Pero todo se precipitó. Las dos potentes rayas de un test de embarazo nos indicaron que la vida seguía iluminando oscuridades. En pocos meses seríamos cuatro. Sabíamos que teníamos que mudarnos y la casa vacía de mi madre era la opción más conveniente.

Carolina y los niños irían, pero yo sentía que volvía. Y lo sentía como una derrota.

“Vamos por un tiempo”, dijo ella. 

La primera vez que entramos con los bolsos la vi enorme y silenciosa. Parecía que nos estaba esperando y me acuerdo que pensé: “vieja, volví y no estoy solo”, así le decía cuando entraba acompañado, un aviso prudente para que se ponga los dientes, se acomode el camisón o no salga de la pieza. Guardamos todos los muebles en el garaje, parecía un depósito que a los chicos les encantaba ir a explorar.

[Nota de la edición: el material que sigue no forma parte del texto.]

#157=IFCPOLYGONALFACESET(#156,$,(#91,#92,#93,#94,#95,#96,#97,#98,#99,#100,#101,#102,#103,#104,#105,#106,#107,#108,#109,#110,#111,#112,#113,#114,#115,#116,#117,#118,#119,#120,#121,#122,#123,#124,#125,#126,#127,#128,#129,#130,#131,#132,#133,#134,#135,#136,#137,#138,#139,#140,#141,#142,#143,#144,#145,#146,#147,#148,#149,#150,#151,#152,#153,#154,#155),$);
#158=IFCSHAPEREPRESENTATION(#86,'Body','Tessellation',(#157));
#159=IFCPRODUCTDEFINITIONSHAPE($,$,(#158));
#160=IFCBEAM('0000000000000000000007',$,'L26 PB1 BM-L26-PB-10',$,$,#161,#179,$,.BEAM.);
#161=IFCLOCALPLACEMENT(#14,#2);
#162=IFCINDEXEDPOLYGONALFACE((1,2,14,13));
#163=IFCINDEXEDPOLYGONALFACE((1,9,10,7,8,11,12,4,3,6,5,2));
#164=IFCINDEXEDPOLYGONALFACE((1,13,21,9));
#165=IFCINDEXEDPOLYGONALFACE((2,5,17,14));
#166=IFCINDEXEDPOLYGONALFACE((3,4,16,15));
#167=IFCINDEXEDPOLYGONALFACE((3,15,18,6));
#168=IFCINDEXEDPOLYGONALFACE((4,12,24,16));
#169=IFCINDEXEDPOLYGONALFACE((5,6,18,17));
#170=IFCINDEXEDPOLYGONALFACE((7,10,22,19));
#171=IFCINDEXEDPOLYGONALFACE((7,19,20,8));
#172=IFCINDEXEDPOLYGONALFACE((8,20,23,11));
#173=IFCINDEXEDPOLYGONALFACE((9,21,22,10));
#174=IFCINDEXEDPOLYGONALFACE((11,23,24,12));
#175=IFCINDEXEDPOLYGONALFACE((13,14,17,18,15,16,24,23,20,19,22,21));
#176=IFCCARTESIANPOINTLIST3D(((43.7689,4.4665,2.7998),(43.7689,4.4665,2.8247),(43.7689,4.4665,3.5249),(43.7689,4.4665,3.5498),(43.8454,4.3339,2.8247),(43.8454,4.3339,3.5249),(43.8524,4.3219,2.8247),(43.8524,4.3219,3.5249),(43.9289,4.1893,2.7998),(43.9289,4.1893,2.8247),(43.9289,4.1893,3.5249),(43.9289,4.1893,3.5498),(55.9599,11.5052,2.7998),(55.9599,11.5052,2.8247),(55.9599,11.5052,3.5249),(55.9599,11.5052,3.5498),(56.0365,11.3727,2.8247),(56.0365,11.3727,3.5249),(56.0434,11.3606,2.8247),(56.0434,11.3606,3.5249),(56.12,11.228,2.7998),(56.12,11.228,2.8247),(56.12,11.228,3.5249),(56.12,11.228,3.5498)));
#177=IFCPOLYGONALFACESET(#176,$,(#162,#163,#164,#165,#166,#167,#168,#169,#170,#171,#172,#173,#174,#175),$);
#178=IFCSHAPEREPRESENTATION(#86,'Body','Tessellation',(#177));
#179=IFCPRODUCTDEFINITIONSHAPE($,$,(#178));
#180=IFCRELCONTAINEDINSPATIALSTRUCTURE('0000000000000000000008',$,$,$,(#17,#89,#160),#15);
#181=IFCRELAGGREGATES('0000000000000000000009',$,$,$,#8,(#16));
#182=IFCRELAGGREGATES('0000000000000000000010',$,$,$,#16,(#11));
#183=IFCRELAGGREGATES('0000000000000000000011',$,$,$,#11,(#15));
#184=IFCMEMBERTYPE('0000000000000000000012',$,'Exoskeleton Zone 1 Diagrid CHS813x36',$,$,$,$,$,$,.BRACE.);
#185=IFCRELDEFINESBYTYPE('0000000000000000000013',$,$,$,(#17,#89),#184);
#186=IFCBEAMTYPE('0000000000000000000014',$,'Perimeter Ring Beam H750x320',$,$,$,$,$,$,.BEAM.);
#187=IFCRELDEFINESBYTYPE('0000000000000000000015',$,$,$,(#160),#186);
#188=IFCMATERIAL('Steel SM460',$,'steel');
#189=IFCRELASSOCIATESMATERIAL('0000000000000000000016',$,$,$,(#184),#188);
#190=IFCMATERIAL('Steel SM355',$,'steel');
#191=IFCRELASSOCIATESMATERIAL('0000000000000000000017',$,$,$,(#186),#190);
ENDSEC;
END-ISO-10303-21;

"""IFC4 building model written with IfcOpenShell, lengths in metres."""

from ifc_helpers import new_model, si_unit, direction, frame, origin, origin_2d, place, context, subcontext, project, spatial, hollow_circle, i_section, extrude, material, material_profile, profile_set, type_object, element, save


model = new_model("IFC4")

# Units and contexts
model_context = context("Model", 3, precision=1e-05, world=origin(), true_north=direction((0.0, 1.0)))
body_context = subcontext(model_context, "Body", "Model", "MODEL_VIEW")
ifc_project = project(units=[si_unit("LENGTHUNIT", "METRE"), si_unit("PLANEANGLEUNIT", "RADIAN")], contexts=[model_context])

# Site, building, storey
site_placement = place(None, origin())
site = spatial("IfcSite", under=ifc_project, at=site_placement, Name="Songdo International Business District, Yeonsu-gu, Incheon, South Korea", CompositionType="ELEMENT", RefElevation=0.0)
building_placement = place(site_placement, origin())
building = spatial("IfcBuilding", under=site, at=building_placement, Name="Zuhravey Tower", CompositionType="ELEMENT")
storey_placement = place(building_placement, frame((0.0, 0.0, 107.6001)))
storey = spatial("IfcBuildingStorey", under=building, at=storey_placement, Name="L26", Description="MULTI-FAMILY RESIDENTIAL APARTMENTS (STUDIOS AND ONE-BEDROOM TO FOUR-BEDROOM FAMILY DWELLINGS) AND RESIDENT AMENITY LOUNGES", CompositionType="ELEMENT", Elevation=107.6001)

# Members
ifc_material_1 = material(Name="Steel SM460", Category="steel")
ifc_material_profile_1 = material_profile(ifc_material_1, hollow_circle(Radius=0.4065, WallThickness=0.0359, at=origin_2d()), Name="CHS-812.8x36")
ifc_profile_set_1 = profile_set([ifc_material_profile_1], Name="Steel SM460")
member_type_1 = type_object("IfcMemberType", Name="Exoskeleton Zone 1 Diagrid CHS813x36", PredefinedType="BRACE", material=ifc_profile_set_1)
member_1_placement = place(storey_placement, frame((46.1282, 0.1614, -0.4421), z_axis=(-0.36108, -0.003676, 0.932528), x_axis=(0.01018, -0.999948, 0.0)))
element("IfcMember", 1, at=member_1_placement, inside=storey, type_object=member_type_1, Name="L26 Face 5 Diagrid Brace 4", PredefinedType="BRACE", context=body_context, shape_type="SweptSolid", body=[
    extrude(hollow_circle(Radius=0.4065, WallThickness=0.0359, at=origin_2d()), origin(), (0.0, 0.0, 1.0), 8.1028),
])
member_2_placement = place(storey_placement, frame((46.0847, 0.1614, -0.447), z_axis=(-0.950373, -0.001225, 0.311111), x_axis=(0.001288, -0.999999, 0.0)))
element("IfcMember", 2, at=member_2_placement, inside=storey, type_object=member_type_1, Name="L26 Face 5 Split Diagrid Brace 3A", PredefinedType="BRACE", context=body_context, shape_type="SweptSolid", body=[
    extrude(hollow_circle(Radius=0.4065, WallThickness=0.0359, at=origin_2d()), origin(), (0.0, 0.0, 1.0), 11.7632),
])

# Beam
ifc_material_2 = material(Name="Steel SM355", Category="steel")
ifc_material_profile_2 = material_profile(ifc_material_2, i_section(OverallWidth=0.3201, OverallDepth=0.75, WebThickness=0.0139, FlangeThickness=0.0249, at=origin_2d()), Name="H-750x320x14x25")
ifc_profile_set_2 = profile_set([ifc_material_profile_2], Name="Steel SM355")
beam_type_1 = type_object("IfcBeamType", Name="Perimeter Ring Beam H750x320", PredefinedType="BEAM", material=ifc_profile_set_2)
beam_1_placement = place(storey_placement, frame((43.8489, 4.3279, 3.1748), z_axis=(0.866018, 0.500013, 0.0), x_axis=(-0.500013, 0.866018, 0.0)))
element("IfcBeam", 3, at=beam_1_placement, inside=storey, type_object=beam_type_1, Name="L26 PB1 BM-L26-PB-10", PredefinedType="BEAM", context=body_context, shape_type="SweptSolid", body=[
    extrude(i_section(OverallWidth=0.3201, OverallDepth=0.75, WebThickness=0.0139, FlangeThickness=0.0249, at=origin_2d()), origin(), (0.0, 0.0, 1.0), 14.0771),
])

Las primeras noches me costó dormir, pero pasaron los días y las noches, las fiebres, las risas y los festejos. Todo estaba igual, pero diferente. La casa se había llenado de vida y de nuevas historias que se amalgamaron con las viejas para empezar a nutrirse. Habíamos logrado habitar la casa. Cuando armé la pileta de lona recordé los veranos cuando con mi hermana y mi mamá nos tirábamos a tomar sol y jugábamos a que estábamos en una playa del Caribe. 

El domingo pasado corríamos con los chicos por el patio para mojarnos con la manguera y en un momento, exhaustos, se acostaron en el pasto, de cara al sol. Me puse la toalla como rejilla sobre el antebrazo y les dije: “¿Los caballeros desean tomar un jugo de naranja?”. “Sí, con pajita, por favor”, contestó el caballero más grande y continuamos un juego viejo con nuevos argumentos.

En nuestros planes está mudarnos. ¿Una forma de empezar de cero? No, imposible, las historias nos habitan.

A veces miro alguna casa y comento que así me gustaría que sea la nueva. “Quiero que el baño sea como el de Renzo”, dijo mi hijo que también planea y dibuja frentes, balcones y patios. No tenemos apuro, pero sabemos que algún día nos iremos y cerraré la puerta por última vez, no sin antes asomarme al comedor para, una vez más, despedirme de mi vieja y agradecerle por todo.